2. The intelligent lawn mower capable of mowing zones according to claim 1, wherein the wireless ranging unit is an ultra-wideband ranging unit, an infrared ranging unit, an ultrasonic ranging unit or a Bluetooth ranging unit.

3. The intelligent lawn mower capable of mowing in different areas according to claim 1 or 2, wherein the main control circuit comprises a central processing unit, a display screen, a boundary sensing unit, a wheel driving unit and a cutting driving unit, and the mark setting button, the code disc, the wireless distance measuring unit, the display screen, the boundary sensing unit, the wheel driving unit and the cutting driving unit are respectively connected with the central processing unit.

4. An intelligent lawn mower capable of mowing in different areas according to claim 3, wherein an upper cover is embedded on the top surface of the housing, the mark setting keys and the display screen are mounted on the upper cover, a flip cover is hinged to the upper cover, and the display screen is located below the flip cover.

5. The zone control method of an intelligent lawn mower capable of mowing zones according to claim 1, wherein the mark points of the lawn mower on the boundary line of n mowing zones are set in advance through the mark setting keys, and the main control circuit acquires the track distance Xn of the lawn mower on the mark points of the n mowing zones and the linear distance Yn between the lawn mower and the charging seat; the method comprises the following steps that a mowing task starts, the mower starts from a charging seat and runs along a boundary line of a first mowing area in a riding mode, a code disc records a track distance X ' of the mower starting from the charging seat and running on the boundary line in real time, a wireless distance measuring unit measures a linear distance Y ' between the mower and the charging seat in real time and transmits the linear distance Y ' to a main control circuit, the main control circuit analyzes and calculates the linear distance X ' and the linear distance Y ' to the charging seat, when X ' = X1 and Y ' = Y1 indicate that the mower reaches a mark point of the first mowing area, the main control circuit sends a signal to control the mower to leave the boundary line to enter the first mowing area to mow, and the mower returns to the charging seat after the mowing task is completed; then, the mower starts from the charging seat and travels along the boundary line of the second mowing area by riding a line, when X '= X2 and Y' = Y2 indicate that the mower reaches the mark point of the second mowing area, the main control circuit sends a signal to control the mower to leave the boundary line to enter the second mowing area for mowing, and after the mowing is finished, the mower returns to the charging seat; by analogy, the mower automatically finishes the mowing tasks of the n mowing areas.
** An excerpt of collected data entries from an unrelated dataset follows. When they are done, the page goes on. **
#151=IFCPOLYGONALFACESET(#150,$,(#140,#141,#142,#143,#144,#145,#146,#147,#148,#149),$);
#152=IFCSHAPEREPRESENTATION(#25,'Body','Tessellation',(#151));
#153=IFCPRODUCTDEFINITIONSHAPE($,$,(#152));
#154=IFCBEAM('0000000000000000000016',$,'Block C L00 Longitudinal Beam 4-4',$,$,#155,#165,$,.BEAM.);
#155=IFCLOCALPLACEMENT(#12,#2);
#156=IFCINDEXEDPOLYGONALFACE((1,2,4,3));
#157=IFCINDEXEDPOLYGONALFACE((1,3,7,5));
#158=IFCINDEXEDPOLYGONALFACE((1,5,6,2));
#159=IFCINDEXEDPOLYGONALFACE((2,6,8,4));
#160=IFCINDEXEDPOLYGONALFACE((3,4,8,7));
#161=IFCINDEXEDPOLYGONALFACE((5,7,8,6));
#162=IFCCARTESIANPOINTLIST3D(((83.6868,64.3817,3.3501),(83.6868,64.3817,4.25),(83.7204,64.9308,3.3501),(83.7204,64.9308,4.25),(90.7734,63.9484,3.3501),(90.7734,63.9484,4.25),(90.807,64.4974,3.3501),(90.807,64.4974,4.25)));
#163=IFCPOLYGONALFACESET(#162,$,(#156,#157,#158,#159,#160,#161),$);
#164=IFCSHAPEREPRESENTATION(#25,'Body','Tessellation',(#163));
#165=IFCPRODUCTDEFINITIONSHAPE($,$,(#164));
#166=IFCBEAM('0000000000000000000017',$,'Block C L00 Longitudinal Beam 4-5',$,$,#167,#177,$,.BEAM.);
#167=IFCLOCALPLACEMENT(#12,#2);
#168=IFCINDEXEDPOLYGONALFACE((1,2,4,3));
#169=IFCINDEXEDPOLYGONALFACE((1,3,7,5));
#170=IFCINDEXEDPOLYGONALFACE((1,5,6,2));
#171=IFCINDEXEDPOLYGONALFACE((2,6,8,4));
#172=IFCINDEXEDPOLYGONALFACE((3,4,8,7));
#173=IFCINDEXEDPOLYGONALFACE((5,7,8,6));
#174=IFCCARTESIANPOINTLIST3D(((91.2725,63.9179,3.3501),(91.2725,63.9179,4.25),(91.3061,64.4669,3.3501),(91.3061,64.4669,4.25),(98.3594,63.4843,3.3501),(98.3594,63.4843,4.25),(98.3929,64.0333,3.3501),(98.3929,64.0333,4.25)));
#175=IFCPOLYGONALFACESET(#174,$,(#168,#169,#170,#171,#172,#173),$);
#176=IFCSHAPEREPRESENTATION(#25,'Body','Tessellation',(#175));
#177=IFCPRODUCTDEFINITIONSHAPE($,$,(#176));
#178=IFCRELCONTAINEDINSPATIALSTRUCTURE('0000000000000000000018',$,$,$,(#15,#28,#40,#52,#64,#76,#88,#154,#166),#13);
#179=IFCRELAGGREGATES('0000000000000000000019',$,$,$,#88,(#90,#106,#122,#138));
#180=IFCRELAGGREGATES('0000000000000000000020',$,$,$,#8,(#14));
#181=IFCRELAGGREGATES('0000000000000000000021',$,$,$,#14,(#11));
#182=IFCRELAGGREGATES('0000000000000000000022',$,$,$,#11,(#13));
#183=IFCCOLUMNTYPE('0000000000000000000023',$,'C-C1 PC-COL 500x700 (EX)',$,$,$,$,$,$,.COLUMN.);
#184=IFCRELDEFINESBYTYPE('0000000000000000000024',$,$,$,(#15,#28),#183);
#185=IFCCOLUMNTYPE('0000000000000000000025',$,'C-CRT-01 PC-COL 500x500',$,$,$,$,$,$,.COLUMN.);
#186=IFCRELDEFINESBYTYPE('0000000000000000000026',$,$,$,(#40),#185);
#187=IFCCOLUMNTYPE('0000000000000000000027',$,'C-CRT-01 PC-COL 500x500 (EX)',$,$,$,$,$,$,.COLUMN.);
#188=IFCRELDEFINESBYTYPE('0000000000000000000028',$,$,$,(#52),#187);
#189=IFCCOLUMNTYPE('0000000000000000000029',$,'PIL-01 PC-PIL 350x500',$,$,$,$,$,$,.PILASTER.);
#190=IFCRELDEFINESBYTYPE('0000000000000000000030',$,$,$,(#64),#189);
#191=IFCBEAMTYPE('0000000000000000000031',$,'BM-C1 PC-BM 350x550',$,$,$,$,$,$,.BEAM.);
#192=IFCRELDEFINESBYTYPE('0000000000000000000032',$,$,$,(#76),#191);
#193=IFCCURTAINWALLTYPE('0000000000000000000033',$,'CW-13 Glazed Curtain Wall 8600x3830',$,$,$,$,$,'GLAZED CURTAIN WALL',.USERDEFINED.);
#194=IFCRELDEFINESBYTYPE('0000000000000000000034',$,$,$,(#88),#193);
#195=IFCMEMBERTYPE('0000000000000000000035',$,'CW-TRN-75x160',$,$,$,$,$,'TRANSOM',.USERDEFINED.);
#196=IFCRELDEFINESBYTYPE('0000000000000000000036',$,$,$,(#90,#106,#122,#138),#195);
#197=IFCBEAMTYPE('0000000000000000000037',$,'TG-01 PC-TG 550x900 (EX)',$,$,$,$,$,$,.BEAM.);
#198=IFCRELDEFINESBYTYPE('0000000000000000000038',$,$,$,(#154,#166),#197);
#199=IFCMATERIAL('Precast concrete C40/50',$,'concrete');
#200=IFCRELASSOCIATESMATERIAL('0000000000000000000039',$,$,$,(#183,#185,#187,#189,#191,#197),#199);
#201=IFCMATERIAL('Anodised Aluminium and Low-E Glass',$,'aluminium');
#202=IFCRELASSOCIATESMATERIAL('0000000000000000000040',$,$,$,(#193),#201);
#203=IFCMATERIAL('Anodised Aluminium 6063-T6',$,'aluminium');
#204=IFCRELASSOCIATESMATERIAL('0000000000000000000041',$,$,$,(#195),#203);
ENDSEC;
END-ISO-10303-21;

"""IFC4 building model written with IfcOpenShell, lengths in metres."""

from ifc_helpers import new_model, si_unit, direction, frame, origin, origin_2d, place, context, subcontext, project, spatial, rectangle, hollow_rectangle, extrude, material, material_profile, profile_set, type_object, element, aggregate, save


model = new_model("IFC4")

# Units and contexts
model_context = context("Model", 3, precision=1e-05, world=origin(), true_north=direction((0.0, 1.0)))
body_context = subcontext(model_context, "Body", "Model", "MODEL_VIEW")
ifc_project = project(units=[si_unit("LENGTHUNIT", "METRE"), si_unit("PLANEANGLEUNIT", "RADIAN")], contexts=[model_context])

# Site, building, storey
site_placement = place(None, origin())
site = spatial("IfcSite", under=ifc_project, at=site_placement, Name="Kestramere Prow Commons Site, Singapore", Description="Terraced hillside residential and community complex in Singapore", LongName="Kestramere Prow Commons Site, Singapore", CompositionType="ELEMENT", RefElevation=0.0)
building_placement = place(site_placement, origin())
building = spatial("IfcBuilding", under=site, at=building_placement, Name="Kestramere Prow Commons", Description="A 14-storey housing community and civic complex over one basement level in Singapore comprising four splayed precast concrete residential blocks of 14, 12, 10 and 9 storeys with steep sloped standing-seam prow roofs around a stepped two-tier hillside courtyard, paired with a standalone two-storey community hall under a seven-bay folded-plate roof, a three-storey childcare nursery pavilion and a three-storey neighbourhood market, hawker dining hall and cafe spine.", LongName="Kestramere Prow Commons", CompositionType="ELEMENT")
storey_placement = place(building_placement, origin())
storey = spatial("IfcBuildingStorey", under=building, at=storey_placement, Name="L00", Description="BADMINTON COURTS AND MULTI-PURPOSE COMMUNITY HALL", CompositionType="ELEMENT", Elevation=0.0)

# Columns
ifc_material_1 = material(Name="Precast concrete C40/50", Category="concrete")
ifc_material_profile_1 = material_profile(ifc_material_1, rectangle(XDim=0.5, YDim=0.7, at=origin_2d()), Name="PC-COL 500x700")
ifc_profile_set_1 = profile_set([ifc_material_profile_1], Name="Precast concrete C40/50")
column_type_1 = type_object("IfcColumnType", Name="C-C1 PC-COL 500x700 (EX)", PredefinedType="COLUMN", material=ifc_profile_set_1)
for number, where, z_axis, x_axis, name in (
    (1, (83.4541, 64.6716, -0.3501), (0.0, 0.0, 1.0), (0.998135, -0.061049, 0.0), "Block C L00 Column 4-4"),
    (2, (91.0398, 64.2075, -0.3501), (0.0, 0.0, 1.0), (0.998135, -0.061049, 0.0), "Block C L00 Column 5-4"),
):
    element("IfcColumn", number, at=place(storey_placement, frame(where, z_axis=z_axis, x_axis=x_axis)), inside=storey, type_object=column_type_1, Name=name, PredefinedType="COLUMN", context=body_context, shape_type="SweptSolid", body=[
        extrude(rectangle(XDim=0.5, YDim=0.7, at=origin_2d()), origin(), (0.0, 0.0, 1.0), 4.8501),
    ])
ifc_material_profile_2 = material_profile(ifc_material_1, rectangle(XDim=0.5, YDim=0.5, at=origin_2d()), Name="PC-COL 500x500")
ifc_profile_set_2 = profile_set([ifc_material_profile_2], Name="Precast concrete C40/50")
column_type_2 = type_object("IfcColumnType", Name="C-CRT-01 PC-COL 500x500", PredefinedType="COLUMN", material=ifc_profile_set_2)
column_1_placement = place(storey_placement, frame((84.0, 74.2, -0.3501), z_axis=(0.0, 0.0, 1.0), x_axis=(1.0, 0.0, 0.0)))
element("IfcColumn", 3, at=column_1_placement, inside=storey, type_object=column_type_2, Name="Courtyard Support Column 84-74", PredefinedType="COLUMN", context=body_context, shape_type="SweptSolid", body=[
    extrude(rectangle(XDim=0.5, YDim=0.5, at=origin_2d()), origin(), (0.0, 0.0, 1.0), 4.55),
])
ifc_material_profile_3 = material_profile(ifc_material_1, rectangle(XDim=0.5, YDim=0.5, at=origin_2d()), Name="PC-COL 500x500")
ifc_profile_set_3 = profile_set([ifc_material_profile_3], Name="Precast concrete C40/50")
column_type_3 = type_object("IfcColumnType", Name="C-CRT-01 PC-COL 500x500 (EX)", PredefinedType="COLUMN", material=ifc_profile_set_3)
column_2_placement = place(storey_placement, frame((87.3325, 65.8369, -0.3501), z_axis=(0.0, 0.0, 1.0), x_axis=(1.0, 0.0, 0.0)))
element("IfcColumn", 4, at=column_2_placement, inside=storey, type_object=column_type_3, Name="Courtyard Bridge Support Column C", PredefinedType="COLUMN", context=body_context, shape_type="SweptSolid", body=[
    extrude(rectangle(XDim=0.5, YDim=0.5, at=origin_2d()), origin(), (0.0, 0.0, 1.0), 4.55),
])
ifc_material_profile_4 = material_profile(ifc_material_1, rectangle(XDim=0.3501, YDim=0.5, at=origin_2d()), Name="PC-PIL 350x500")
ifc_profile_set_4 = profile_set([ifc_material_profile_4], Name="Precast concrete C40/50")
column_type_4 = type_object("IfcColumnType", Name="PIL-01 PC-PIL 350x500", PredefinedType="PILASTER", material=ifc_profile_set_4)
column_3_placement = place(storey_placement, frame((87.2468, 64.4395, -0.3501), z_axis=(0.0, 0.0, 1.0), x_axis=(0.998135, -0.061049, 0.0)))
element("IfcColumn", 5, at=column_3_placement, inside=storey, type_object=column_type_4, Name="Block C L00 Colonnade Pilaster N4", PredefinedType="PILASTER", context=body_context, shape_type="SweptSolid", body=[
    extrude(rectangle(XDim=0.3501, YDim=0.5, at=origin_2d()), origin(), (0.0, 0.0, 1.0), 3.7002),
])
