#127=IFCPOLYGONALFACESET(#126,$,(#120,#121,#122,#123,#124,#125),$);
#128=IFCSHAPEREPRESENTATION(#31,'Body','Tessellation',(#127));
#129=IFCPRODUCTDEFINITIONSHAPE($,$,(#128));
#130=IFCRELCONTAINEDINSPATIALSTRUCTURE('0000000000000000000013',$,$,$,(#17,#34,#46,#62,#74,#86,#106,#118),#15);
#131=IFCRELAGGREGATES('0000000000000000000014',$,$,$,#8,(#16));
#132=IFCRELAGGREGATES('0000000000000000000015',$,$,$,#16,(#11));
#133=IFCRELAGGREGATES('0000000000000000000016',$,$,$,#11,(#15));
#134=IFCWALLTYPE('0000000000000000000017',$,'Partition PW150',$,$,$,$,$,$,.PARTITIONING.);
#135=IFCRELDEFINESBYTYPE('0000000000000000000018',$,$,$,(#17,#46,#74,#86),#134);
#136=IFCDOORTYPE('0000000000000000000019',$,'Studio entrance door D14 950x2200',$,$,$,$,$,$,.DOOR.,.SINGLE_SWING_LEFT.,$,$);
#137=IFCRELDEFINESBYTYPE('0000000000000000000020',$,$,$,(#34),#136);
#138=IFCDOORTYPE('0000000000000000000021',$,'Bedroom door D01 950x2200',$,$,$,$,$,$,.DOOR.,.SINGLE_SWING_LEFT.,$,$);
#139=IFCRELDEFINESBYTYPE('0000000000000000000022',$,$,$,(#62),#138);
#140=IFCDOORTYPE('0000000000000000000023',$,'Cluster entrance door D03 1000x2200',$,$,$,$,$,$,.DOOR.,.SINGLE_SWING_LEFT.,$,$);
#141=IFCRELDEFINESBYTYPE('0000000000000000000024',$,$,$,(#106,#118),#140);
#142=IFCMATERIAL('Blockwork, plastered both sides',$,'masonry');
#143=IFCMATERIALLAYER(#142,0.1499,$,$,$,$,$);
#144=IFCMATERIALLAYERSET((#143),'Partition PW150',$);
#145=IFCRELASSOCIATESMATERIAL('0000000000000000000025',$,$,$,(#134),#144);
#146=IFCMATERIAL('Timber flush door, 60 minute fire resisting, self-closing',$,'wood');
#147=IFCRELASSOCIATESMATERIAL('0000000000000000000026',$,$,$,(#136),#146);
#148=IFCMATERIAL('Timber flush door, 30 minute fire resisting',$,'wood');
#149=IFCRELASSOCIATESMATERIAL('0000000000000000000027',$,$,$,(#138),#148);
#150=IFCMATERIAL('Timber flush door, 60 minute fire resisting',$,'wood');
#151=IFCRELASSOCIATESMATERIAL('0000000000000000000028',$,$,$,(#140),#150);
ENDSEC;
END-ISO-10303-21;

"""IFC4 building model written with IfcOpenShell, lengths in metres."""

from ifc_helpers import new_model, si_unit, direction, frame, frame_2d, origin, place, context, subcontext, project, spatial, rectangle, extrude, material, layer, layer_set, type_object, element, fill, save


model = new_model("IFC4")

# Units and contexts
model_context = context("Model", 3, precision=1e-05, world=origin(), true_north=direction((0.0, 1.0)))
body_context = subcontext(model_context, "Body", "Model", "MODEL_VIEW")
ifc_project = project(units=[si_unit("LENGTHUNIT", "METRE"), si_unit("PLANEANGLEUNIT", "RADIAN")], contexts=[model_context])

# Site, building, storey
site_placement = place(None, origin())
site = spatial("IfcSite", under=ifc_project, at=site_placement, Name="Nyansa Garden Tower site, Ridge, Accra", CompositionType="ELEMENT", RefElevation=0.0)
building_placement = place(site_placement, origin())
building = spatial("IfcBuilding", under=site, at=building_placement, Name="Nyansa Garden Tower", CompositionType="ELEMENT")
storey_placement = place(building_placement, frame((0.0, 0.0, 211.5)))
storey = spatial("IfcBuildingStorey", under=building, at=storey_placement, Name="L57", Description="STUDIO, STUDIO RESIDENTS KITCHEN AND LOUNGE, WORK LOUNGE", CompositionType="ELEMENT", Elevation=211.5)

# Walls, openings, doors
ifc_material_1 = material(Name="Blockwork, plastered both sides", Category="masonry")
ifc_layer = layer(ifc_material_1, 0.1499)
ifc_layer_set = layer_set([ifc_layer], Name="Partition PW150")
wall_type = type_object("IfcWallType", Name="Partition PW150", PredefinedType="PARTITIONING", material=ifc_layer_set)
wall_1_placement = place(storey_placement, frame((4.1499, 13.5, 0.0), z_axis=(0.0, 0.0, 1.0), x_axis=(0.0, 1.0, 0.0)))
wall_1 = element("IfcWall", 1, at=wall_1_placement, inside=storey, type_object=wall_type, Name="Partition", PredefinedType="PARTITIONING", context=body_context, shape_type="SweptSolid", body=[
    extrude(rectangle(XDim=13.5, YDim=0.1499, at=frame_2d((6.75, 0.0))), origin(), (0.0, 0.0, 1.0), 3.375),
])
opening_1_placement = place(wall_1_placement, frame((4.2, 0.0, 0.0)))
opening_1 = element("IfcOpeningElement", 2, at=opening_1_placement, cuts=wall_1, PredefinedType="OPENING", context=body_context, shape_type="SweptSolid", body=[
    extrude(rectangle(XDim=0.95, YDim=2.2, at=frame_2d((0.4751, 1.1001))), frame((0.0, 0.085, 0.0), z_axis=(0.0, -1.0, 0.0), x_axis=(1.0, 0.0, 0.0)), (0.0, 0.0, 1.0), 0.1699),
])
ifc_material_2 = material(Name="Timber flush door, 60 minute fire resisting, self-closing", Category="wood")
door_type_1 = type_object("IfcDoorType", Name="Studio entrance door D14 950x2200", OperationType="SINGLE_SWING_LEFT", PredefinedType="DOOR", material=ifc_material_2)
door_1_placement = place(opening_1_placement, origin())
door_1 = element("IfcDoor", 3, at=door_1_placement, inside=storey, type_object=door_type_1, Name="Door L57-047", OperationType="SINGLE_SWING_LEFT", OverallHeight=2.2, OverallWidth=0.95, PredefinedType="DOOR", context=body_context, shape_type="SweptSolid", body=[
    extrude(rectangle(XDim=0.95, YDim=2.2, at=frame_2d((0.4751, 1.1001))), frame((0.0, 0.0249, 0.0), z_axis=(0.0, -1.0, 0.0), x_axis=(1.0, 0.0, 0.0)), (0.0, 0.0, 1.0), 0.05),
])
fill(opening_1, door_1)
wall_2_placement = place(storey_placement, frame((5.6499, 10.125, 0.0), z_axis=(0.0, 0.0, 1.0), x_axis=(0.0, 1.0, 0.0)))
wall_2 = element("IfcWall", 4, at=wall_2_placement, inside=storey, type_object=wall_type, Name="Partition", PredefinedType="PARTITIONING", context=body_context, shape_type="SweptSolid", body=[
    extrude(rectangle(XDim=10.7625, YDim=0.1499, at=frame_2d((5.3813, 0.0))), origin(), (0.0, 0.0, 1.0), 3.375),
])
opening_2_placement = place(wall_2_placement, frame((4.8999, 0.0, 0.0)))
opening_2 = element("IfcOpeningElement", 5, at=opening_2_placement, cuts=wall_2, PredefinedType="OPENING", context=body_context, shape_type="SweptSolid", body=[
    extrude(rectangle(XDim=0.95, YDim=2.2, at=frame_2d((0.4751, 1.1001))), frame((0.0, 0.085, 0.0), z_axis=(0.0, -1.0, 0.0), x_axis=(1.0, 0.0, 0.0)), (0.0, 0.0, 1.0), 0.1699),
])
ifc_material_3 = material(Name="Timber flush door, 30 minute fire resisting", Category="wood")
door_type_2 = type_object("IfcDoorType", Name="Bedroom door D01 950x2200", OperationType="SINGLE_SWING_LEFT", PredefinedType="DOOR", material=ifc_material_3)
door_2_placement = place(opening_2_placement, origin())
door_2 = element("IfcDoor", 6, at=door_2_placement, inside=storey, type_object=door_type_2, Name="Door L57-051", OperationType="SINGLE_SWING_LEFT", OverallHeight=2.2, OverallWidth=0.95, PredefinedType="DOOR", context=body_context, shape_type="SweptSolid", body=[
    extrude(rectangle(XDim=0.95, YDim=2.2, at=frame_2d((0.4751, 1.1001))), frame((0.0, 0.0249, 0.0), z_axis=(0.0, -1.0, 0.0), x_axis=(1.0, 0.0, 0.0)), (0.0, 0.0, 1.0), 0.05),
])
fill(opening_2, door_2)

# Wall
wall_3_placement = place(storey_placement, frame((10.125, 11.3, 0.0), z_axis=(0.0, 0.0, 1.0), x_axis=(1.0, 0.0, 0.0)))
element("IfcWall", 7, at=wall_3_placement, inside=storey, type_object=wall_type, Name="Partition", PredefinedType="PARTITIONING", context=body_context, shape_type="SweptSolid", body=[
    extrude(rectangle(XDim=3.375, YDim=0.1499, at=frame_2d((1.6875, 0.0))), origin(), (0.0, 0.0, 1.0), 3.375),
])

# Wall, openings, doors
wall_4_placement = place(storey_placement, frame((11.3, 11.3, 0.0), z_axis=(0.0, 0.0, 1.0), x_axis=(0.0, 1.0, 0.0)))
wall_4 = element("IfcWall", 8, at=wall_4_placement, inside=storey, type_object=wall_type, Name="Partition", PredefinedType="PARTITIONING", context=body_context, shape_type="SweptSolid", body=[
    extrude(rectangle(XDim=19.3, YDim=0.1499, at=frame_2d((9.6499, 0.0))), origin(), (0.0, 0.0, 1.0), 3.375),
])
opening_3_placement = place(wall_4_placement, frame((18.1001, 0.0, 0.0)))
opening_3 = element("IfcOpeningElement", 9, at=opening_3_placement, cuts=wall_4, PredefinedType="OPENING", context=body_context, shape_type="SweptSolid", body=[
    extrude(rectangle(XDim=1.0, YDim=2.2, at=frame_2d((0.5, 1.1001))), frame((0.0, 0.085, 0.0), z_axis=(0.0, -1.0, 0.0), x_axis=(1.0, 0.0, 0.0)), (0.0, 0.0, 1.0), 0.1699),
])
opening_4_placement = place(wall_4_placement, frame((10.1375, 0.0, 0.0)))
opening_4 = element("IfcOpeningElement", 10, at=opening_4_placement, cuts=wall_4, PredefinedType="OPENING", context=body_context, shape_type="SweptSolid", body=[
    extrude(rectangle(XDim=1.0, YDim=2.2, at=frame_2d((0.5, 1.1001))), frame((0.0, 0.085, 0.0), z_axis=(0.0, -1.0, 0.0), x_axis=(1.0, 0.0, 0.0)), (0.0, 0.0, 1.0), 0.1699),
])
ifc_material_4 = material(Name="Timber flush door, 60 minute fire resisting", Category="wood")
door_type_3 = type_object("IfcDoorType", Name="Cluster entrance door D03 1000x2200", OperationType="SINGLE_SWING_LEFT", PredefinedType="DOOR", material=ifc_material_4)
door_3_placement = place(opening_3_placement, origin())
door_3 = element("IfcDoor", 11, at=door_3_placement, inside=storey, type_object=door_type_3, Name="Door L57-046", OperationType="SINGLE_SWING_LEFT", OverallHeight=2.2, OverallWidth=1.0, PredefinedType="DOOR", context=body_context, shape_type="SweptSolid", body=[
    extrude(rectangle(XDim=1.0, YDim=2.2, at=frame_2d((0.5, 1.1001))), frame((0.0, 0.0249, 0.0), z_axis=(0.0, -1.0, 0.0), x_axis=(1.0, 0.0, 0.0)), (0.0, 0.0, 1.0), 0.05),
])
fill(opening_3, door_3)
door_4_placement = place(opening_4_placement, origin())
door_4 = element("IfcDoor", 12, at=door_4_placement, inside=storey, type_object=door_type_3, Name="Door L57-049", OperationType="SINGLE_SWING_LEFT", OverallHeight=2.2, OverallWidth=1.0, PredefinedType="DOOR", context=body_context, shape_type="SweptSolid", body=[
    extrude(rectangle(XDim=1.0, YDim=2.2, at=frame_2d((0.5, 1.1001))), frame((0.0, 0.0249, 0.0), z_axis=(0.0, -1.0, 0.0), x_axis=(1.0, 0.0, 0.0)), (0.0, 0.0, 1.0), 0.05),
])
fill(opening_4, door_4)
6. The zone control method of an intelligent lawn mower capable of zone mowing according to claim 5, wherein the mowing task of the nth mowing zone and the mowing task of the (n + 1) th mowing zone can be continuously performed or the mowing task of the (n + 1) th mowing zone can be performed after a certain time interval after the mowing task of the nth mowing zone is completed, by setting as required.

7. The zone control method of a zone-based intelligent lawn mower according to claim 5 or 6, wherein the setting is performed according to the requirement, so that the lawn mower can selectively perform the lawn mowing task of one or more of the n lawn mowing areas.